I have now brought this paper to a close, and I think I have redeemed my pledge of not allowing, in the consideration of this question, passion or feeling to have any part. I trust it will appear that due weight has been given to all difficulties and objections, that facts have been stated with truth and impartiality, that the conclusion to which I have come is completely borne out both by reason and authority. It may be justly asserted that the Government in this act will only be following, not preceding, the tide of public opinion long flowing in this direction\; and when we have taken into consideration the experience and wisdom of that highest public tribunal, the Nizamat Adalat, who, in unison with our wisest and ablest public functionaries, have been year after year almost soliciting the Government to pass this act, the moral and political responsibility of not abolishing this practice far surpasses, in my judgement, that of the opposite course.

But discarding, as I have done, every inviting  appeal from sympathy and humanity, and having given my verdict, I may now be permitted to express the anxious feelings with which I desire the success of this measure.

The first and primary object of my heart is the benefit of the Hindus. I know nothing so important to the improvement of their future condition as the establishment of a purer morality, whatever their belief, and a more just conception of the will of God. The first step to this better understanding will be dissociation of religious belief and practice from blood and murder. They will then, when no longer under this brutalizing excitement, view with more calmness acknowledged truths. They will see that there can be no inconsistency in the ways of Providence, that to the command received as divine by all races of men, ‘No innocent blood shall be spilt,' there can be no exception\; and when they shall have been convinced of the error of this first and most criminal of their customs, may it not be hoped that others, which stand in the way of their improvement, may likewise pass away, and that, thus emancipated from those chains and shackles upon their minds and actions, they may no longer continue, as they have done, the slaves of every foreign conqueror, but that they may assume their first places among the great families of mankind? I disown in these remarks, or in this measure, any view whatever to conversion to our own faith. I write and feel as a legislator for the Hindus, and as I believe many enlightened Hindus think and feel.

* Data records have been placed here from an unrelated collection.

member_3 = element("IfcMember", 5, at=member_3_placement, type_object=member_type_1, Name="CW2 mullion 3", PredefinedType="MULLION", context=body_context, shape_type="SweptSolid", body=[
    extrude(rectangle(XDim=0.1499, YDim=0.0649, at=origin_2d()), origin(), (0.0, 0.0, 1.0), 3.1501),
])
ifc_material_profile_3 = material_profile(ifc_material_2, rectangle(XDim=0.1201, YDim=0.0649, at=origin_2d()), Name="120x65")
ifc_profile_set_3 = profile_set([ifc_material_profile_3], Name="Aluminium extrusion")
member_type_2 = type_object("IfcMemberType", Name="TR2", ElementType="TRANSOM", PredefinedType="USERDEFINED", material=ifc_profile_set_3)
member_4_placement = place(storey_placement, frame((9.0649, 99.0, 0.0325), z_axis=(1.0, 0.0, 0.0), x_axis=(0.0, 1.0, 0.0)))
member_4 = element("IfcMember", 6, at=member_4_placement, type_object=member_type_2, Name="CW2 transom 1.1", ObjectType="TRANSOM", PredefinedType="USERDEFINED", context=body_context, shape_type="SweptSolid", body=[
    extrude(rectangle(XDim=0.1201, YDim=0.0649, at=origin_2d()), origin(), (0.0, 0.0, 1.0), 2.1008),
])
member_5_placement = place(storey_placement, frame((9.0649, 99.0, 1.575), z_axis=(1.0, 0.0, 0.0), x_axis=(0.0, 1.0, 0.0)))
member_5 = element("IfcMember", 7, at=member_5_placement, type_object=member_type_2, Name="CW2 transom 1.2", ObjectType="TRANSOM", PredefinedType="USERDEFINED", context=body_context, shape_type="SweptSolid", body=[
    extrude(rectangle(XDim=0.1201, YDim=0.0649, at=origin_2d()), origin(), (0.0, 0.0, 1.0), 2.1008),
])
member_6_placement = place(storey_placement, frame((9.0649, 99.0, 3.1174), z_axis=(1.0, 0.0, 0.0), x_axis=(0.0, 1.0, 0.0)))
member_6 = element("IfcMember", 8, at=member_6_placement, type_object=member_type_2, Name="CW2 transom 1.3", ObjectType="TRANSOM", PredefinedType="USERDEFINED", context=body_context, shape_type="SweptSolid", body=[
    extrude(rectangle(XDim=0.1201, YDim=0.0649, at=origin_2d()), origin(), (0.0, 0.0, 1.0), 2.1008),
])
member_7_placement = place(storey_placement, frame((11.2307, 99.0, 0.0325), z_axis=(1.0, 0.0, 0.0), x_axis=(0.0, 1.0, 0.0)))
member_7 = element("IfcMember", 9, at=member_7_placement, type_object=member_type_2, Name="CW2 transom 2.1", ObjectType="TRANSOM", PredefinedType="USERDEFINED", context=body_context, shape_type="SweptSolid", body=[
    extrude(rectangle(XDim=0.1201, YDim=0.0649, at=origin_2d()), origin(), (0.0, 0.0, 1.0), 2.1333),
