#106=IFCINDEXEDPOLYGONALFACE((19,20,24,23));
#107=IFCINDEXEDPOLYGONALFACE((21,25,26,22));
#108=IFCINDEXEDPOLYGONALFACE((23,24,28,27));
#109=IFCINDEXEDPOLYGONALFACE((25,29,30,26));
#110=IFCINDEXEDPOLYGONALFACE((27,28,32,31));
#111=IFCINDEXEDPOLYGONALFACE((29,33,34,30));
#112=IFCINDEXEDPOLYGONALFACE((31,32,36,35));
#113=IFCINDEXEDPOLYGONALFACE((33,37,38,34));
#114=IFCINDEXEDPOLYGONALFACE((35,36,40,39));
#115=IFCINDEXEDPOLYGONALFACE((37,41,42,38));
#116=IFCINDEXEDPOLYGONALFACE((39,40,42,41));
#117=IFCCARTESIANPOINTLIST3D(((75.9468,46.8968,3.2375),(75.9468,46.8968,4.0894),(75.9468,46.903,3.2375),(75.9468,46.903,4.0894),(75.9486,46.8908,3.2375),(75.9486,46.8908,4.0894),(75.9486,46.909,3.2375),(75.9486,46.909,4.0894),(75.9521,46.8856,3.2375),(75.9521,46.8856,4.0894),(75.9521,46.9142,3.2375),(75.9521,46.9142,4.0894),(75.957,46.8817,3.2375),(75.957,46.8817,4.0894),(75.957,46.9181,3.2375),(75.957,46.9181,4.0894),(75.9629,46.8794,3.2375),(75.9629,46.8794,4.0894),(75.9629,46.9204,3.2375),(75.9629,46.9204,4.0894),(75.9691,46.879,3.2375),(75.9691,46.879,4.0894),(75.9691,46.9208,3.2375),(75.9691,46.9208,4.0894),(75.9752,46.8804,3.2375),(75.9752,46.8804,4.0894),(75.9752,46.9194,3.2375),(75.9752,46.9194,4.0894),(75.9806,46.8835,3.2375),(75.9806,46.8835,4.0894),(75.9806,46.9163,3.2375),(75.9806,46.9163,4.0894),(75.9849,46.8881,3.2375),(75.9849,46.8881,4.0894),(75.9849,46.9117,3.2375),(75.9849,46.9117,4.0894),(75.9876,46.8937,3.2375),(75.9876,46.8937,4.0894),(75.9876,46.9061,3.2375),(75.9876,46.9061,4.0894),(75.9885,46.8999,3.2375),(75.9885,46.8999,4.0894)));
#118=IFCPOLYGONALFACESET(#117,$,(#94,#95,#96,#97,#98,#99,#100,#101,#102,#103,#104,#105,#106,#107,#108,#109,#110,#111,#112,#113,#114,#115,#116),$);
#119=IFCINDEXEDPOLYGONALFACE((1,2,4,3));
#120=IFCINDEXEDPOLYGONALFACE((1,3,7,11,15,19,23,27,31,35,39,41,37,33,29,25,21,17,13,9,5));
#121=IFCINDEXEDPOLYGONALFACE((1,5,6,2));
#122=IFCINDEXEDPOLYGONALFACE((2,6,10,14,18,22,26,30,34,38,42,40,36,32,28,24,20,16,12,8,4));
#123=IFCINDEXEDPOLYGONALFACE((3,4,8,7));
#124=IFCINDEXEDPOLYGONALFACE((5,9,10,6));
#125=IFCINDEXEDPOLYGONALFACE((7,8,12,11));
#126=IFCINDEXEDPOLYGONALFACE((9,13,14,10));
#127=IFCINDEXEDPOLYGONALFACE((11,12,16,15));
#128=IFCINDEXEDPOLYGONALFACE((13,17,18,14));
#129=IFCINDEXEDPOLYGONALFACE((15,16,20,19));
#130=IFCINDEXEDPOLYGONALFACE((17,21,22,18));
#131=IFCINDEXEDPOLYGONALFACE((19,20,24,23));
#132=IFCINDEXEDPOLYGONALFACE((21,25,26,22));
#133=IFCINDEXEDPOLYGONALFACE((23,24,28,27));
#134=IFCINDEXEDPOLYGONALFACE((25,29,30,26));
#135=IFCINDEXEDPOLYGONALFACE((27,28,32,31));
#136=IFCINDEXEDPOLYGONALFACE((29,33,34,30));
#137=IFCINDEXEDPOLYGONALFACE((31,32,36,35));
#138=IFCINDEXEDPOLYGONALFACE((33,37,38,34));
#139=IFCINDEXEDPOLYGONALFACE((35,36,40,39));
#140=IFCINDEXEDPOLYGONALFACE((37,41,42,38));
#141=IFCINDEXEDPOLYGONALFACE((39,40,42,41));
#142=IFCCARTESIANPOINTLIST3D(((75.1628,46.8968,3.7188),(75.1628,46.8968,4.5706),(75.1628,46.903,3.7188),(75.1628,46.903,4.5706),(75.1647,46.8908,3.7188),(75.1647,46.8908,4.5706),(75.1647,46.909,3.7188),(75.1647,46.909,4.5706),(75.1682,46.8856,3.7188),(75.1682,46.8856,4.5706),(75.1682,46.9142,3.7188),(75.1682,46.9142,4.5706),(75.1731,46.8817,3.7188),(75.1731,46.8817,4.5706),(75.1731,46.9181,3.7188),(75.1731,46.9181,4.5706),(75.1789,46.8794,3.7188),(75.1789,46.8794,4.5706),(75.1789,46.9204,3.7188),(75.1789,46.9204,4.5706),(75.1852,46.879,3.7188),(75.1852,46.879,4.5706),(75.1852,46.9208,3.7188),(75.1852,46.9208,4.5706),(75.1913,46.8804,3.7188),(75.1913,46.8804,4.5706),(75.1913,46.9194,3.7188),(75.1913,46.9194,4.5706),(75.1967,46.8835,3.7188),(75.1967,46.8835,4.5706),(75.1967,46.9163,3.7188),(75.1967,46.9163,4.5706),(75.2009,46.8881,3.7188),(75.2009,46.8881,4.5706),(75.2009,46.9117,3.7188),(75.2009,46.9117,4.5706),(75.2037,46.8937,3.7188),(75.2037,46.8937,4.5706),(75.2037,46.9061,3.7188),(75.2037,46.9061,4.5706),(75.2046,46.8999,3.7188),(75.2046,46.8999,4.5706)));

Descending from these higher considerations, it cannot be a dishonest ambition that the Government of which I form a part should have the credit of an act which is to wash out a foul stain upon British rule, and to stay the sacrifice of humanity and justice to a doubtful expediency\; and finally, as a branch of the general administration of the Empire, I may be permitted to feel deeply anxious that our course shall be in accordance with the noble example set to us by the British Government at home, and that the adaptation, when practicable to the circumstances of this vast Indian population, of the same enlightened principles, may promote here as well as there the general prosperity, and may exalt the character of our nation.